Peu de congolais  se font d’illusions sur les capacités et la volonté du gouvernement Gizenga d’améliorer leur sort compte tenu de l'insécurité qui règne dans le pays surtout à l'Est et à Kinshasa où on a vu les éléments de la garde prétorienne de Kabila assassiner un jeune cadre du MLC Daniel Boteti qui était vice-président de l'assemblée provinciale de Kinshasa. Certains, cependant, se demandent aujourd'hui devant l'incapacité du pouvoir actuel s’il ne valait pas mieux porter un parti d'opposition au pouvoir pour faire barrage à Kabila et à Gizenga, dans l’idée que la politique de L'UDPS serait, sinon meilleure que l’actuelle, en tout cas « moins pire ». Cet état d’esprit exprime une certaine lucidité, tout à fait saine en elle-même, impliquant un fort recul des illusions réformistes qui prévalaient avant ; mais, en même temps, un tel raisonnement reflète une crise profonde de la politique en tant qu’instance capable de porter des projets alternatifs et des espoirs pour les masses : on ne se prononce plus pour un programme, mais on se sert du vote pour éliminer tels ou tels politiciens. Le cas de Jean-Pierre est encore là. Arrêté d'une manière rocambolesque et que même la CPI n'arrive à convaincre l'opinion sur le bien fondé de cette précipitation alors Bemba est un homme public qui avait un agenda que tout le monde connaissait. 

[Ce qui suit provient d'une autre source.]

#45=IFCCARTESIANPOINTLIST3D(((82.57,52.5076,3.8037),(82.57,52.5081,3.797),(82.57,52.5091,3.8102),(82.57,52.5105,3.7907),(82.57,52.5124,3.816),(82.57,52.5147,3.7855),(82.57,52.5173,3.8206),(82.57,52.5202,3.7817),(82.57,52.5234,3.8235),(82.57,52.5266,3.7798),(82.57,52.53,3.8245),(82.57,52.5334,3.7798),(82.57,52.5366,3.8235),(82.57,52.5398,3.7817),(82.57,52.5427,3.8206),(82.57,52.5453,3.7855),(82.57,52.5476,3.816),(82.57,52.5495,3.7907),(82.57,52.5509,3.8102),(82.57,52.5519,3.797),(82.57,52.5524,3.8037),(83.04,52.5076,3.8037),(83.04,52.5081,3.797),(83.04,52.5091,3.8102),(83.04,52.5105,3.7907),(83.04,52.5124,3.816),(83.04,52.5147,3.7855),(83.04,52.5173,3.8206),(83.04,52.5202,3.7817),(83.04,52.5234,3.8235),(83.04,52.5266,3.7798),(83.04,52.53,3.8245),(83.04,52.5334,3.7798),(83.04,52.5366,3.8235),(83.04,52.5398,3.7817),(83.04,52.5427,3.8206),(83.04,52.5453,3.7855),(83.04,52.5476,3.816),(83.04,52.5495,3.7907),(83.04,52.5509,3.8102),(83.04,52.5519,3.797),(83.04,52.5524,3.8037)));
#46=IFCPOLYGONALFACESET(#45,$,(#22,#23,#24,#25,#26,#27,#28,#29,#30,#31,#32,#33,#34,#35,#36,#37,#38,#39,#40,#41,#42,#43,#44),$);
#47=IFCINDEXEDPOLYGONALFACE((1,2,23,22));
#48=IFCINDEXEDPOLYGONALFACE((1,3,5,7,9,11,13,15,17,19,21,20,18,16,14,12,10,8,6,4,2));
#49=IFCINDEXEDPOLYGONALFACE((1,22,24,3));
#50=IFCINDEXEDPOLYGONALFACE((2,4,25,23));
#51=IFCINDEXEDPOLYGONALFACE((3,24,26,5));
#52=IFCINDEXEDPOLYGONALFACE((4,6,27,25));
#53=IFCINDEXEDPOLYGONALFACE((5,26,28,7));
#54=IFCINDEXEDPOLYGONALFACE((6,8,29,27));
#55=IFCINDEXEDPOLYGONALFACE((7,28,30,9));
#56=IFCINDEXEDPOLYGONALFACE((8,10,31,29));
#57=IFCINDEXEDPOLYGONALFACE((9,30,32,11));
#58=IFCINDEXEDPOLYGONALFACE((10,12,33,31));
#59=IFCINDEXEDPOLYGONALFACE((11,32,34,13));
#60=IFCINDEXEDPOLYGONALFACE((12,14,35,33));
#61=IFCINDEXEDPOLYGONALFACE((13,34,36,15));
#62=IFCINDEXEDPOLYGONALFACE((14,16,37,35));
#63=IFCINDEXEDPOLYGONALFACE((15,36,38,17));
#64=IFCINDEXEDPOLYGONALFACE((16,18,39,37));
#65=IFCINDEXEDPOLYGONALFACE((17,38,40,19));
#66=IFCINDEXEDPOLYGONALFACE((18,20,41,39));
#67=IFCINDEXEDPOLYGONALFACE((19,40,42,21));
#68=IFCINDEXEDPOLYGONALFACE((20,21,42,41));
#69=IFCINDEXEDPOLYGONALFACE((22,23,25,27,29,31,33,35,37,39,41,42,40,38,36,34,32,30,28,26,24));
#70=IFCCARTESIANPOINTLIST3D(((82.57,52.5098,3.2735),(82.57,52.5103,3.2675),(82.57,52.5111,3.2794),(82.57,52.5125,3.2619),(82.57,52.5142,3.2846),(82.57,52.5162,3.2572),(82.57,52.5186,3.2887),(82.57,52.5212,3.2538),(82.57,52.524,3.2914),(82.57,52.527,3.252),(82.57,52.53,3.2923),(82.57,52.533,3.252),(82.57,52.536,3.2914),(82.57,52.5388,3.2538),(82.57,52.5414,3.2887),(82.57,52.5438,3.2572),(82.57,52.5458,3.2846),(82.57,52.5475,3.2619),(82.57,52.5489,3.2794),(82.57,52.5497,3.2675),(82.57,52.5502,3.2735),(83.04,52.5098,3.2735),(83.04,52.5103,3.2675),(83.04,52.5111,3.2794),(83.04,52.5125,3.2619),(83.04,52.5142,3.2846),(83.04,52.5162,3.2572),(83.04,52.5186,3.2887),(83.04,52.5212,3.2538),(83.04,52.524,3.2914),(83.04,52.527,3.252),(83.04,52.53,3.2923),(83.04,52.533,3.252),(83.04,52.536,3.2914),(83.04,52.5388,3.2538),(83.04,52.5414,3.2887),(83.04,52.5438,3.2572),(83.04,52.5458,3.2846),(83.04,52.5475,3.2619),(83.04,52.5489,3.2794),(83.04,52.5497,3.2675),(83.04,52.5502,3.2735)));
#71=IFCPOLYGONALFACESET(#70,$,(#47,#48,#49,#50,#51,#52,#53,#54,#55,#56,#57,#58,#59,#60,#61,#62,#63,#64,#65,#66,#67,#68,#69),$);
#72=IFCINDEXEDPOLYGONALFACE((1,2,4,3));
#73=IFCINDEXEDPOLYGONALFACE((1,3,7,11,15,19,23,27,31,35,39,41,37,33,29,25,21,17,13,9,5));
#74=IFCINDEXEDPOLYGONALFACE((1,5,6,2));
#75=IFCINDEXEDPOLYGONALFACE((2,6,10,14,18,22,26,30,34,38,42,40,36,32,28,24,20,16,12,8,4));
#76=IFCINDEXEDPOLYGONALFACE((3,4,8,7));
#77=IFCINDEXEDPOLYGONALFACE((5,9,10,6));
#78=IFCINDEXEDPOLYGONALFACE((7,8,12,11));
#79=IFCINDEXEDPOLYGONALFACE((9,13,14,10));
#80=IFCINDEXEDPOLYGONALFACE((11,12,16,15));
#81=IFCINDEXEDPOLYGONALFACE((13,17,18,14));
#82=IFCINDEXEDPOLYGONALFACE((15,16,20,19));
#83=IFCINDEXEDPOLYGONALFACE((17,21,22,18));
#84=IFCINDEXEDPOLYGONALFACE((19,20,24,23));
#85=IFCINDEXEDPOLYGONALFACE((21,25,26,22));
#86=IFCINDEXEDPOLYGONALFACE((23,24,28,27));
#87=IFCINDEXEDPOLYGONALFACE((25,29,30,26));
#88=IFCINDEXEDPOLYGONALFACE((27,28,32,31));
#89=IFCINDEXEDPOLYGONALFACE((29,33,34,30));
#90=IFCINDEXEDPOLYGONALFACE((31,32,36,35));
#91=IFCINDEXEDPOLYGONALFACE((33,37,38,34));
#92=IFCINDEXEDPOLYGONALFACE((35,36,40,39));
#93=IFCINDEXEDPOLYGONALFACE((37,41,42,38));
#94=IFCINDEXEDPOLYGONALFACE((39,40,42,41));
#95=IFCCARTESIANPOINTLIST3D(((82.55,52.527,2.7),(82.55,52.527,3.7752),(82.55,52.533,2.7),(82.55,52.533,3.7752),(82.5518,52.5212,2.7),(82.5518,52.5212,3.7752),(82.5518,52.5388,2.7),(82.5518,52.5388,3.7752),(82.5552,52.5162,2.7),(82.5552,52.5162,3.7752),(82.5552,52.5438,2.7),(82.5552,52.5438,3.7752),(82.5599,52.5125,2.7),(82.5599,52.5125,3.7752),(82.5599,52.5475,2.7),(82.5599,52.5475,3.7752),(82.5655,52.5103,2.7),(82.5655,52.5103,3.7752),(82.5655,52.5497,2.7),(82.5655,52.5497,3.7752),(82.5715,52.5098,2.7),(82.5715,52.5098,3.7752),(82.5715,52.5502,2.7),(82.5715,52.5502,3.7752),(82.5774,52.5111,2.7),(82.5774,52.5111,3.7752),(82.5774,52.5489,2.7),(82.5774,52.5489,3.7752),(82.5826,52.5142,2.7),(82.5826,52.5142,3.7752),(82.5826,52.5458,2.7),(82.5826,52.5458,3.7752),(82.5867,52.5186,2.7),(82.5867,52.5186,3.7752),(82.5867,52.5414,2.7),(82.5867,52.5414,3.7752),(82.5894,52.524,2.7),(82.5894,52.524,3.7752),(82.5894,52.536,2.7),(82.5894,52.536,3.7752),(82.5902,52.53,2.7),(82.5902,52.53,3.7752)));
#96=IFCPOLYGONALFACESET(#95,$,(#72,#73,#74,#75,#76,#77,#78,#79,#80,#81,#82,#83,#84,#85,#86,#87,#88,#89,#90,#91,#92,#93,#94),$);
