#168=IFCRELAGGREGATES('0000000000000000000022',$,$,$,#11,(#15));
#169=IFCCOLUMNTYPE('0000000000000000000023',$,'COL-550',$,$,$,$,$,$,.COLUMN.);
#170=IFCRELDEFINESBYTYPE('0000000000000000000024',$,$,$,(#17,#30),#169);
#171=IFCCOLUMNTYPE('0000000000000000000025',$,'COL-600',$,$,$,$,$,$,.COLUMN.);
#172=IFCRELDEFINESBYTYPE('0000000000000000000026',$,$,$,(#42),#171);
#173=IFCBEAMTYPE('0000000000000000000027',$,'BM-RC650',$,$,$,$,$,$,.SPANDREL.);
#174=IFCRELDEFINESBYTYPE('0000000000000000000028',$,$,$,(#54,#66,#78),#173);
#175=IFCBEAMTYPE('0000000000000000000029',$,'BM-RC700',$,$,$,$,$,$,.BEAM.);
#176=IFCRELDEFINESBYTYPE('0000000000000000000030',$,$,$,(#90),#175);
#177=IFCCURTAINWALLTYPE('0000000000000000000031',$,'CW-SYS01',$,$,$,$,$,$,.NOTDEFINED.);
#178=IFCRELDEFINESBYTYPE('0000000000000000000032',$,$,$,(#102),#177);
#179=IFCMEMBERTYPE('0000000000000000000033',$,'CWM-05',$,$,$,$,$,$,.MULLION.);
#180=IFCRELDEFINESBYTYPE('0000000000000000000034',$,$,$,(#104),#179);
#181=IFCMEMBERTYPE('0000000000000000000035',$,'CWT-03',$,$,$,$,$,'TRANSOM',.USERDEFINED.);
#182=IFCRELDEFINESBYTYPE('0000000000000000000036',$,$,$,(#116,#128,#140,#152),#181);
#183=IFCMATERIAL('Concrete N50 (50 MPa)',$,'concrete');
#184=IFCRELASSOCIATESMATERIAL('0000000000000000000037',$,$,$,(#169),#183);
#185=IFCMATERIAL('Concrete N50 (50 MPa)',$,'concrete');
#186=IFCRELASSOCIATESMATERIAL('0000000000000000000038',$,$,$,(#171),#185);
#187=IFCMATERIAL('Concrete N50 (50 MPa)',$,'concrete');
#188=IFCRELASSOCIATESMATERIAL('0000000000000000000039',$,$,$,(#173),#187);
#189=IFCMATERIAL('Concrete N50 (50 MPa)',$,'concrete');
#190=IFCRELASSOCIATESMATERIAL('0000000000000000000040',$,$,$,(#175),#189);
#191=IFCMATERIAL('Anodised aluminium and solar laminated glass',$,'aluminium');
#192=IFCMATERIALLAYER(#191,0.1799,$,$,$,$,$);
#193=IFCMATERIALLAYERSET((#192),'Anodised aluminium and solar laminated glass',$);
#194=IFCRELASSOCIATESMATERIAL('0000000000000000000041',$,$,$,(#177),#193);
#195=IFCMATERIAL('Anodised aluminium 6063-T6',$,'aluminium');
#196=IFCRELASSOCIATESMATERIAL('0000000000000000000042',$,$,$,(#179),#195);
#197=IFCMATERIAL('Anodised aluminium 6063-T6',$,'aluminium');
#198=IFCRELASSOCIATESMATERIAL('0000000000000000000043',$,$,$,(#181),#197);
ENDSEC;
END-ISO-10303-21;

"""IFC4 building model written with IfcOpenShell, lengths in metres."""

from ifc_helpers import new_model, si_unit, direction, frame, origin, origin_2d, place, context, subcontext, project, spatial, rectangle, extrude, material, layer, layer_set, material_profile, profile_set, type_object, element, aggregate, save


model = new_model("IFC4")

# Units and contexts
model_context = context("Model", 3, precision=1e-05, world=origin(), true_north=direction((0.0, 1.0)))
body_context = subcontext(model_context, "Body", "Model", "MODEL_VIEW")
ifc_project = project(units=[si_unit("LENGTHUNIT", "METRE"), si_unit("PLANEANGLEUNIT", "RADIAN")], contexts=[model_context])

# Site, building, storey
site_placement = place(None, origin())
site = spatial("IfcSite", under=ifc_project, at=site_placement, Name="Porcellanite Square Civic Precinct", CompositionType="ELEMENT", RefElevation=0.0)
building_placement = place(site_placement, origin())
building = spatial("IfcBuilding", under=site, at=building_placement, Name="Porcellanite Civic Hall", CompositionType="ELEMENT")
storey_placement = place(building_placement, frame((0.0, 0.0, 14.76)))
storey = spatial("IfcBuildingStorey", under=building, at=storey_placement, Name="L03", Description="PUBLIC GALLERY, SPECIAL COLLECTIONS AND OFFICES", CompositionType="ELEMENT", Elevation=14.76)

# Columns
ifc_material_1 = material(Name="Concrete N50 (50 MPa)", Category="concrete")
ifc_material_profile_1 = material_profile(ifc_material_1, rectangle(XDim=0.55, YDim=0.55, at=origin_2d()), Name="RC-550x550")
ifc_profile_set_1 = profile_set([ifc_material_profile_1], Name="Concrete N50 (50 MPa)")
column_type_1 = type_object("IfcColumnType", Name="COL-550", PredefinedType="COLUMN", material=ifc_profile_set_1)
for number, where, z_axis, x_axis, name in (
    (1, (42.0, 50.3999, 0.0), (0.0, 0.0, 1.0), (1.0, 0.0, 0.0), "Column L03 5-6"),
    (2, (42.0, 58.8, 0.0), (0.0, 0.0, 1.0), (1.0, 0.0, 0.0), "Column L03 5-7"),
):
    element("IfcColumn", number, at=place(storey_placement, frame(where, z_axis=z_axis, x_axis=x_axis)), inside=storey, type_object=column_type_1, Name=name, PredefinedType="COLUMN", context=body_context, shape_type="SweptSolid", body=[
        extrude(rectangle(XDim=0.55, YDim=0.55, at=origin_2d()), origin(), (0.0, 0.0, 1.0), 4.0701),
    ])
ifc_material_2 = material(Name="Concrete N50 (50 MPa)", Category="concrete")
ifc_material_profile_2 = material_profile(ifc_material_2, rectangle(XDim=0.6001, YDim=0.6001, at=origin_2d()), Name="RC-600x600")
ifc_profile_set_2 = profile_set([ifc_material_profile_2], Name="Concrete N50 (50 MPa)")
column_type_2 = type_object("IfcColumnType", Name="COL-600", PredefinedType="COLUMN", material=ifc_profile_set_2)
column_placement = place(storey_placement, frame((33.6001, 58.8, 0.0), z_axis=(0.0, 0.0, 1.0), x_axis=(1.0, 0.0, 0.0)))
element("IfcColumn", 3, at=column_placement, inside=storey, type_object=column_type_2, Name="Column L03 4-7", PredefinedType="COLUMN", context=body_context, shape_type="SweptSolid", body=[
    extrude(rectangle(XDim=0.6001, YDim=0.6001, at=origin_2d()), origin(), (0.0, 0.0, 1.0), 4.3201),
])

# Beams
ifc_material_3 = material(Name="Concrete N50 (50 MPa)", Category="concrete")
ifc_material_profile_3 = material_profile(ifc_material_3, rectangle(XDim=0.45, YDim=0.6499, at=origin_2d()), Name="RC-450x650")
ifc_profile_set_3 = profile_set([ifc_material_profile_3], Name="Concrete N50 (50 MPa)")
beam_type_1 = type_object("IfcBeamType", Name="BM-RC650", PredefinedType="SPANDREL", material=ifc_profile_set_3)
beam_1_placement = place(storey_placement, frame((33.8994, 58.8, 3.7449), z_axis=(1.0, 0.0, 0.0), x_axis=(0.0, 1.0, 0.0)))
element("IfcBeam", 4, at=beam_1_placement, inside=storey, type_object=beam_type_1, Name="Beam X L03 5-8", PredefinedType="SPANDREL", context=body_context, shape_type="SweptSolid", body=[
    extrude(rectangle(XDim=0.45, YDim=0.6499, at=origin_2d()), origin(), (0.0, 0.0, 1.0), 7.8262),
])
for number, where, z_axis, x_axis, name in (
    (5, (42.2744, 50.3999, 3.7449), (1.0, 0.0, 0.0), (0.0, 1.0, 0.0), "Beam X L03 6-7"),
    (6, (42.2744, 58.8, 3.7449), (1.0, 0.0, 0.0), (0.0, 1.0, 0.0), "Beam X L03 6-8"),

Et le pouvoir amnistie un homme qui a sêmé la mort et la souffrance à la population congolaise depuis une décenie, Laurent Nkudabatuare, un rwandais qui se réclame ''tutsti congolais''. Les massacres des Hutus à Tingi-Tingi et Mbandaka lors de l'avancée de l'AFDL, il était déjà là, La guerre entre les armées  ougandaise et rwandaise pour le contrôle de ville de Kisangani qui a fait des milliers des victimes civils, la prise de ville de Bukavu en 2004, encore lui. Enfin la dernière guerre au Nord-Kivu, les populations déplacées.

Ses troupes s’étaient rendues coupable de déplacements forcés de population et autres crimes de droit international. Déjà en 2002, la responsabilité d’Abdoulaye Miskine, alors chef de l’Unité de la sécurité présidentielle (USP), et de ses hommes était engagée dans la perpétration, en sa présence, de massacres contre des civils notament à Rutsuru, Masisi...

Le retour libre de Laurent Nkundabatuare est en contradiction avec la nécessaire lutte contre l’impunité des crimes les plus graves, base d’une paix durable en RDCongo. Ce retour est une menace supplémentaire pour la sécurité des victimes de crimes internationaux qui plaident depuis 1996 pour leur droit à la justice devant les instances judiciaires nationales et internationales

Dans cette situation, le gouvernement a plus que jamais à proposer clairement aux congolais leur propre programme. La majorité des congolais n’ont pas à céder aux sirènes du prétendu « réalisme » consistant à amestier un criminel de guerre et ses alliés sous prétexte de la «réconciliation  ».